With the National Governors Association in town, our colleague Reid Wilson takes a look at how fundraising by governors' associations shows that, despite a recent focus on the impact of Super PACs, "there's really nothing new about corporate dollars flooding the system."
Federal campaign finance law does not allow corporations to contribute directly to a candidate or a political party. But each state regulates campaign finance rules for non-federal candidates differently. That means the three major committees focused on governors -- the Democratic Governors Association, the Republican Governors Association and the bipartisan National Governors Association -- must organize themselves under section 527 of the IRS code.
Those 527 groups, the fore-runners of today's super PAC, are legally allowed to solicit and accept contributions from corporations in any amount they wish. While President Obama and good-government groups fret over new rules that allow corporate money into federal politics, Maryland Gov. Martin O'Malley, head of the DGA, and Virginia Gov. Bob McDonnell, who heads the RGA, are actively seeking contributions from corporations across the country. ...
One need only take a brief peek at both groups' filings with the IRS to demonstrate how successful each side's solicitations have been.
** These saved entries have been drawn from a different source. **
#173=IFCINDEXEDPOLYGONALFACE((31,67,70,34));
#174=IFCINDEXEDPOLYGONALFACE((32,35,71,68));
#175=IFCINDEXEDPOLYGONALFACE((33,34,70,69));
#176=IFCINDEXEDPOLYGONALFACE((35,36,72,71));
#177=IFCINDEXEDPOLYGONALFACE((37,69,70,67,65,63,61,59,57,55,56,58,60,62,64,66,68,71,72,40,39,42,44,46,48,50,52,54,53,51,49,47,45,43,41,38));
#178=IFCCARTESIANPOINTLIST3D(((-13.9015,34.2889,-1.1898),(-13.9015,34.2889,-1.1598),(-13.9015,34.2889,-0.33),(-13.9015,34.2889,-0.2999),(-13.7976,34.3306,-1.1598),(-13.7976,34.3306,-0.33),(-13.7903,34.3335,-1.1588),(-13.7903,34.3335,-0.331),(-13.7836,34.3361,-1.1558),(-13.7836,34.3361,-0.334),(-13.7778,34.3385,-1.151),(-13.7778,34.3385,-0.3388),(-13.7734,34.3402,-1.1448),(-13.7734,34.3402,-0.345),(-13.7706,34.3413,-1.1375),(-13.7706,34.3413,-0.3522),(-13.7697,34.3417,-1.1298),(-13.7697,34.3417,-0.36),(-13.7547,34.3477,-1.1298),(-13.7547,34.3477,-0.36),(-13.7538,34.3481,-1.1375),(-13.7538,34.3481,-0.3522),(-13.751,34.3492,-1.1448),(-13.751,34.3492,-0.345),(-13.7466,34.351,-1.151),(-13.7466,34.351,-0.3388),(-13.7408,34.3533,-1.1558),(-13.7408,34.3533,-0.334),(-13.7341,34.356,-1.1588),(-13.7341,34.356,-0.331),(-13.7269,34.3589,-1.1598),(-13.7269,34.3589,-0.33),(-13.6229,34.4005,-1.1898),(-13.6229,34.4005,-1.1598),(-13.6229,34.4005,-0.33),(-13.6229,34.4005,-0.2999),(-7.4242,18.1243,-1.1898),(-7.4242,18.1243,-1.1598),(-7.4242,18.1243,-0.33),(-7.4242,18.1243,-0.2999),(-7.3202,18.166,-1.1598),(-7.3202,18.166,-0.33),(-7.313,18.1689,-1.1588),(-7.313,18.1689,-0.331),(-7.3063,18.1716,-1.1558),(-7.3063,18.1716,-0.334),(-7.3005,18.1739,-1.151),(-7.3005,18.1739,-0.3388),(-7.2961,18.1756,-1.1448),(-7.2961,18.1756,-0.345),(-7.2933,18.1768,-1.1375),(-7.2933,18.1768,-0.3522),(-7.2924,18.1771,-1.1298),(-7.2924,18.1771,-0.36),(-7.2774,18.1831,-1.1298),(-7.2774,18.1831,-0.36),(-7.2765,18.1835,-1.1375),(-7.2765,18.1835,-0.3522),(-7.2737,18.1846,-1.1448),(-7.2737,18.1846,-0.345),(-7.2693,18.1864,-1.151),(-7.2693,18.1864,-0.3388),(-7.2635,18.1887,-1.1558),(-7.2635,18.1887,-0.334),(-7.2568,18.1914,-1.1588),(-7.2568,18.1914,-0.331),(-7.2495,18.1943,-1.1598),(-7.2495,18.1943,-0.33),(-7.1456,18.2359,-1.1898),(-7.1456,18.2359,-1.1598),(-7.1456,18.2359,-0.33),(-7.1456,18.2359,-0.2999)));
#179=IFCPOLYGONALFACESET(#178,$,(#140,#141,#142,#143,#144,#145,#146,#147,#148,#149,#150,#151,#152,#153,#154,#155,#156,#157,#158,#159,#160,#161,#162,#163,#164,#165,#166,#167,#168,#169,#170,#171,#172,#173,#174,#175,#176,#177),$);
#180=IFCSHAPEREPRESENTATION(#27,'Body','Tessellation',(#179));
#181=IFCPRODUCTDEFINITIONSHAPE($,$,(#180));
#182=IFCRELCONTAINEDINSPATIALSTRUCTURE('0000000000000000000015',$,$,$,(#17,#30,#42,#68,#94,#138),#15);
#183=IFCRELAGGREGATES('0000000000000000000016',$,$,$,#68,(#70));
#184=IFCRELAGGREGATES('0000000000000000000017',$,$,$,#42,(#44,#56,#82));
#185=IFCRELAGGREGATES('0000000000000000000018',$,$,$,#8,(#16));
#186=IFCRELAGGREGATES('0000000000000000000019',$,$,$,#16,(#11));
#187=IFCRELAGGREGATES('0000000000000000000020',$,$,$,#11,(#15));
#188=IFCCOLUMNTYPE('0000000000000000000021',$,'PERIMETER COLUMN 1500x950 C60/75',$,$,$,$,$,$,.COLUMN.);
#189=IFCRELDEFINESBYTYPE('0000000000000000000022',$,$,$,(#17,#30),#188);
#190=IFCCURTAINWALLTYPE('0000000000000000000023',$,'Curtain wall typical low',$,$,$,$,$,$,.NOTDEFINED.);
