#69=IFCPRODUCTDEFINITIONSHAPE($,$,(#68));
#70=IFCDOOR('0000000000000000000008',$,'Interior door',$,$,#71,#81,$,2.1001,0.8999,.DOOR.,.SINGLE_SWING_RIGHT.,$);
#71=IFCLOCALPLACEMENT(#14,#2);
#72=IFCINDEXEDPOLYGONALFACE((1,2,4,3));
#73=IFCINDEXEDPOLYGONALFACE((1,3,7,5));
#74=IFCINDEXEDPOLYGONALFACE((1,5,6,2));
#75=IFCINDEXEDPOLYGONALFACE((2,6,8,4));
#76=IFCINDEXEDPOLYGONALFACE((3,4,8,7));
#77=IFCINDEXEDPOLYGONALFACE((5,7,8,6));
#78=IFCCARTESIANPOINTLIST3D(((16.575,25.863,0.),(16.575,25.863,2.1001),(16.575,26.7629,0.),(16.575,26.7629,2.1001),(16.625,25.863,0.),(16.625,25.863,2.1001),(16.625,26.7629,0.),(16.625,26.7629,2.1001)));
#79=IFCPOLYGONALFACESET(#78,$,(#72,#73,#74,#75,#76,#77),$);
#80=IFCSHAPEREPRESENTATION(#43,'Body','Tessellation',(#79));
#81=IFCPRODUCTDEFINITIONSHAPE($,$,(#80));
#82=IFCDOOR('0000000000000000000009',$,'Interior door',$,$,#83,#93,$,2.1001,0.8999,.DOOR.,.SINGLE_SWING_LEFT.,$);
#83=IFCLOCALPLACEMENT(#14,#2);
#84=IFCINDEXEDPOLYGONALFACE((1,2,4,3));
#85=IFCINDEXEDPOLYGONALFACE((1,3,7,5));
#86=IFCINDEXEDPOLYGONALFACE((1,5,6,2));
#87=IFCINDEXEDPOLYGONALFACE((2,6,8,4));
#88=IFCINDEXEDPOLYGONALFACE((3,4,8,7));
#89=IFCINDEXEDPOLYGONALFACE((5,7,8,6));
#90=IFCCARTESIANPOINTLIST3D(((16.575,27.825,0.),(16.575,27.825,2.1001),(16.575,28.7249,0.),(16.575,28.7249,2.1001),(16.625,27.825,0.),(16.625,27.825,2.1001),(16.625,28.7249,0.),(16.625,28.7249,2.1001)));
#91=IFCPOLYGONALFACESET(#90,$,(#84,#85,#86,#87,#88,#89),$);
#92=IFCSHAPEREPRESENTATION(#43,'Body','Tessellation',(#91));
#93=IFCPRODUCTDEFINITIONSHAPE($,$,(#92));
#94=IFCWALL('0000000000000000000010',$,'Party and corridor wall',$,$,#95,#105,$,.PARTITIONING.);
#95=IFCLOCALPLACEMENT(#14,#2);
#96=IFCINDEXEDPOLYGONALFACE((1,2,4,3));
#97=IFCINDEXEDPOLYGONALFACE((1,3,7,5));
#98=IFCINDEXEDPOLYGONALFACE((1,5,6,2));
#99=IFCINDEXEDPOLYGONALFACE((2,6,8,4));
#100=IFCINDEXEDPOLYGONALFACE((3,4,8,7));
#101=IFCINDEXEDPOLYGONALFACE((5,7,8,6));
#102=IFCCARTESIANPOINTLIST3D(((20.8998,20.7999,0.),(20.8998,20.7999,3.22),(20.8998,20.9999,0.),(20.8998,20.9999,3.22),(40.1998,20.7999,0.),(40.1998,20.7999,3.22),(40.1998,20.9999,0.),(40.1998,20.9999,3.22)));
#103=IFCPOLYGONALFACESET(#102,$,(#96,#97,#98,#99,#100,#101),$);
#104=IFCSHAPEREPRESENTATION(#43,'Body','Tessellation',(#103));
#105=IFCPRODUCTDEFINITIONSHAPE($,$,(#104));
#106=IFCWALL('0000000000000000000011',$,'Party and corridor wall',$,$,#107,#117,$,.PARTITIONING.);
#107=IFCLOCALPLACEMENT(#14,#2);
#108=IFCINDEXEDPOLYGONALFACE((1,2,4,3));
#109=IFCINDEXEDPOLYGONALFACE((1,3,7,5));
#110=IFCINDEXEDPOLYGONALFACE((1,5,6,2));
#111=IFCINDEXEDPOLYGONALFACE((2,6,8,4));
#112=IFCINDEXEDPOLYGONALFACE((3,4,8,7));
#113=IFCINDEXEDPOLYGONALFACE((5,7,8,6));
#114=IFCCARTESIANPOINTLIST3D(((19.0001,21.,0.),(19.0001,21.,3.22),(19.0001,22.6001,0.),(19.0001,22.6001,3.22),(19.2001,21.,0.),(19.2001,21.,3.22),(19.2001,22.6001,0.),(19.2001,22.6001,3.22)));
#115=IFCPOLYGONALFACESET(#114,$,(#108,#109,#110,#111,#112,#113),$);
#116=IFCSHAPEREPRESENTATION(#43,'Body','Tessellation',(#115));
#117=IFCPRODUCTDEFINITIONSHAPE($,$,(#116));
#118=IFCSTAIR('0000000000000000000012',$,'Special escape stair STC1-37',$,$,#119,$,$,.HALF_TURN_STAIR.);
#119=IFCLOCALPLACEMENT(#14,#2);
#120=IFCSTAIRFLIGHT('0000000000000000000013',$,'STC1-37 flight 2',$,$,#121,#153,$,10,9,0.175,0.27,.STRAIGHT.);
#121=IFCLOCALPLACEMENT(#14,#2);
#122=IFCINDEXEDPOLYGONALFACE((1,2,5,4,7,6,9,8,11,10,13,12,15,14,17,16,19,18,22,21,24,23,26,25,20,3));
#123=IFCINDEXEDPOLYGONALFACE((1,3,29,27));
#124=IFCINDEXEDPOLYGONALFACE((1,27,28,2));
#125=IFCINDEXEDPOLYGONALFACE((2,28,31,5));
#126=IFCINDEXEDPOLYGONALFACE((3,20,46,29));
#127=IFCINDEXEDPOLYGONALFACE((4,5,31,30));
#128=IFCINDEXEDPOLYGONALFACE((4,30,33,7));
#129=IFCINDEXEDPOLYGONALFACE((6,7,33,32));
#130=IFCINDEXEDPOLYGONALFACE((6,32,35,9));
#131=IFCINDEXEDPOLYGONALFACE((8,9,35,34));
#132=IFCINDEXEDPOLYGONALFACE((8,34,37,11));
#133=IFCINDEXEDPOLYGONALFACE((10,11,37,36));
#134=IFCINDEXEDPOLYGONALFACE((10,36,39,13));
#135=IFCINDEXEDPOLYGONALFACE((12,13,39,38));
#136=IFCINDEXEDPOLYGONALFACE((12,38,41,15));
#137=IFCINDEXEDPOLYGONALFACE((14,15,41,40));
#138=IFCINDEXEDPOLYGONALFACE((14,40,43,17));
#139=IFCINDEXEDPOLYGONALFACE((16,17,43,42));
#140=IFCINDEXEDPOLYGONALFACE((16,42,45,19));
The first few pages of the DGA's report reveal $350,000 from insurance giant Aetna and $50,000 from AFLAC; $85,000 from tobacco company Altria; and six-figure gifts from the American Beverage Association, AT&T and Amgen. The RGA has been combing through a very similar Rolodex; they reported similar gifts from almost all the same companies (and another $1 million from Sheldon Adelson, the casino magnate funding Newt Gingrich's super PAC).